When employees are ill or injured, things just don’t get done. Corners start to get cut. Staff wellbeing suffers, activity dips, productivity takes a dive, culture sours and people start to disengage from their work. Often, employees resign. The remaining employees are overloaded with work to compensate. They become stressed and disengaged. The cycle continues.

It’s no surprise that if you asked any business owner or manager whether they want to keep staff safe and healthy, their answer would be a resounding ‘of course!’ However, the reality is staff health and safety often takes a backseat to other business priorities because the perceived time and cost is too high. What’s important for businesses to understand is that these two priorities are not mutually exclusive; in fact, numerous studies have proven that safe and healthy staff lead to a healthier bottom line.

The health and safety ROI

According to research conducted by NSW Government, businesses that invest in the health and safety of staff see an increase in productivity, morale and engagement. The study found that small to medium sized businesses are $100,000 better off over a five year period than businesses with unhealthy staff. In fact, effective workplace health and safety strategies produced a cash return of $3-$6 for every $1 invested.

Staff retention

There’s also a big payoff in terms of staff retention. Employees are expecting more from companies in terms of staff wellbeing initiatives, parental pay, flexible work and more. Last year Medibank and Deloitte launched the Wellbeing@Work index to give staff of SMEs around the country a chance to rate their companies on ‘soft’ measures (including culture, employees’ sense of meaning at work and diversity) as job seekers increasingly look at these factors when assessing potential employers.
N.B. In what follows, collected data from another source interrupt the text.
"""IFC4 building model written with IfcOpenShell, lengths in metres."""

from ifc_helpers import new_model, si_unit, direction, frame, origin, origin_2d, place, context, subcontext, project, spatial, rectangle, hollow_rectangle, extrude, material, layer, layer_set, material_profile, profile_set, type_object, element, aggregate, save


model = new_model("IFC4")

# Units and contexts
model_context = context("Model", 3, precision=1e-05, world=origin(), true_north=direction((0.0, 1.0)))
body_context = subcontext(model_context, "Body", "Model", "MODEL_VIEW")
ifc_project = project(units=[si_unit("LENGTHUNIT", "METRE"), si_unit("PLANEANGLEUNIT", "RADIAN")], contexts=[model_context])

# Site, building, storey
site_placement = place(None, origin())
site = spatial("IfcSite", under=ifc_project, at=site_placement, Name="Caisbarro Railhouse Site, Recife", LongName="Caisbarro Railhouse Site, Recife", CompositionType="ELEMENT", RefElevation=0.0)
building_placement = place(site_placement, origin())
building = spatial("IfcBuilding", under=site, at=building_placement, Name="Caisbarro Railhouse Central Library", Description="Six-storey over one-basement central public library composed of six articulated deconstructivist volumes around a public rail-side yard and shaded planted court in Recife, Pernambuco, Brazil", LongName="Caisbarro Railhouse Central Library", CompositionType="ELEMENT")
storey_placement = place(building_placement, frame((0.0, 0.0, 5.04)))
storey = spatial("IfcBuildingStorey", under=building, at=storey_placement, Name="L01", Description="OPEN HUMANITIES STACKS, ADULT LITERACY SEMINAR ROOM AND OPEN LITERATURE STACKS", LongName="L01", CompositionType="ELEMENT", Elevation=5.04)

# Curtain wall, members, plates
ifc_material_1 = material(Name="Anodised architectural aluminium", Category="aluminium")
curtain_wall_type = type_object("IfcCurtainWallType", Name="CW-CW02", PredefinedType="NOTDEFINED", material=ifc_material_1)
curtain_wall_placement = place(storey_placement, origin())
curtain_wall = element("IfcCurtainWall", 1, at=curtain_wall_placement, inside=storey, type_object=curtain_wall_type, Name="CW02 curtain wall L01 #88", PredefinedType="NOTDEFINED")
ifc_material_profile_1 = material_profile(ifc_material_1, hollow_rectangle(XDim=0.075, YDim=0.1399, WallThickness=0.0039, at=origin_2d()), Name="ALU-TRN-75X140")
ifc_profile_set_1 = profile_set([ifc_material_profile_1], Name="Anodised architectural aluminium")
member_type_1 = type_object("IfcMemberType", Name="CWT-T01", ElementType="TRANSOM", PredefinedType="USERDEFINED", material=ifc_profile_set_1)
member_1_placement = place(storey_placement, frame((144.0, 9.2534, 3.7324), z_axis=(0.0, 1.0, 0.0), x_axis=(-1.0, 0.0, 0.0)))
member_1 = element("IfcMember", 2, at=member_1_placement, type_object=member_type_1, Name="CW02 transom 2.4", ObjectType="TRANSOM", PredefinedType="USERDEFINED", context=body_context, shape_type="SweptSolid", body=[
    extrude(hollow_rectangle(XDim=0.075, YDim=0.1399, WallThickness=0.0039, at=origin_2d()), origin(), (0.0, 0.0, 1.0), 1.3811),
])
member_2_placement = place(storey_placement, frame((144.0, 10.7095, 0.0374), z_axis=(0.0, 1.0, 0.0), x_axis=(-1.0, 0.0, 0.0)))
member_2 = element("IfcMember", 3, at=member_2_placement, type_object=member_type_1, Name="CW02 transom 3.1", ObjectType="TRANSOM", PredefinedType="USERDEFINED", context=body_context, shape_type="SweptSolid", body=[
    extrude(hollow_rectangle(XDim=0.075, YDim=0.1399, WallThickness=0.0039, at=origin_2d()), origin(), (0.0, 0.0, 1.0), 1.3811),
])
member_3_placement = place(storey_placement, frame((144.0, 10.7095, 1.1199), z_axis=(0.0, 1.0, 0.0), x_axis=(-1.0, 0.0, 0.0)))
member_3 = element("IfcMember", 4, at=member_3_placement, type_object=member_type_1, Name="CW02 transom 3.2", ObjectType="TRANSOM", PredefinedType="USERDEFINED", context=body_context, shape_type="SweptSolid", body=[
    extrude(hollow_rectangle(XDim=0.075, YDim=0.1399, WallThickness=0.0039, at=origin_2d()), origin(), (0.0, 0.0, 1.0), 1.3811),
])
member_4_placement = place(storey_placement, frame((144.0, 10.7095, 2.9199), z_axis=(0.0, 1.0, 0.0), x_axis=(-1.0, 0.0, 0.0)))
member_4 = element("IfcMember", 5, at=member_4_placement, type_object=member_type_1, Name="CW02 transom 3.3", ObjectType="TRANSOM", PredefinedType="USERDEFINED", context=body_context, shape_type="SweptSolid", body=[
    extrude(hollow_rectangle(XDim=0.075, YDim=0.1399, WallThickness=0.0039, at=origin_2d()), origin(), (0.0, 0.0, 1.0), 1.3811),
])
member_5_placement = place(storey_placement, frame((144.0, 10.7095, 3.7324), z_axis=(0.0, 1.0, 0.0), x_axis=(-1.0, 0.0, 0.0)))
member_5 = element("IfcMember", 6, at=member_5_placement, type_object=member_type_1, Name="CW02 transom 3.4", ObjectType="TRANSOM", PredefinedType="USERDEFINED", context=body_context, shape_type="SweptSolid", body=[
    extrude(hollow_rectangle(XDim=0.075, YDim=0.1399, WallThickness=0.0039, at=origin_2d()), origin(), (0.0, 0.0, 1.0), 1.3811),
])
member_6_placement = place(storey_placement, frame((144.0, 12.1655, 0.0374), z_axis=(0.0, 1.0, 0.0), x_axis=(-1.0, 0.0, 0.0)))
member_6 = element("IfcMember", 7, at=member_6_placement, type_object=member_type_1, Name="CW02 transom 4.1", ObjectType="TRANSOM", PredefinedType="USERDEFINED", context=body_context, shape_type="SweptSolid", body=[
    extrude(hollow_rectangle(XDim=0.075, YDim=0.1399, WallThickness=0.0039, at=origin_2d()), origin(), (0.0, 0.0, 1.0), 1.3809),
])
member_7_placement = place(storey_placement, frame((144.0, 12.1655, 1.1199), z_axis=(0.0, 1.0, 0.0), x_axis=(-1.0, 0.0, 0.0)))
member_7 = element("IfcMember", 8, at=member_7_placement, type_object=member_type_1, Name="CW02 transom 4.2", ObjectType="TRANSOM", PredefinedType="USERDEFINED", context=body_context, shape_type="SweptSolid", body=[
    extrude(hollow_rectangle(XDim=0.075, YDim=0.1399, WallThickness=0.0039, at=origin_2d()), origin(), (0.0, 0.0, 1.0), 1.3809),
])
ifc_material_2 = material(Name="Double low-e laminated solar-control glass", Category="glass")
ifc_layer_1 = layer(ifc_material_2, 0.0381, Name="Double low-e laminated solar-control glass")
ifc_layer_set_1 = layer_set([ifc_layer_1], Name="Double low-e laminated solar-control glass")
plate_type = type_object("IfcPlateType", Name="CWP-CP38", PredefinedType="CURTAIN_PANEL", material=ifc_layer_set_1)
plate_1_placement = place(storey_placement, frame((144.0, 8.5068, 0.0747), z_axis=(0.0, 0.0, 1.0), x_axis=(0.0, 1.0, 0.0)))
Indeed, a recent Gallup study found that well over half of millennials (57 per cent) say that work-life balance and staff wellbeing in a job are “very important” to them.

It’s clear that a strategy for health and safety can improve the profitability of your business, so how do you go about putting it in place?

Ways to build a strong safety culture

If you want to reap the financial benefits of a safe workplace but don’t have the resources of a large organisation, focus on getting the following basics right:

  • Implement a secure and comprehensive system to record and report hazards, risks and incidents.
  • Cultivate a culture of staff wellbeing and safety through a formal induction of new staff and formal training for all.
  • Encourage a “safety first” mentality through strong leadership and communication.
  • Develop clear communications about what good and behaviours look like in the workplace.
  • If injury occurs, have a clear and transparent process to deal with any resulting claims.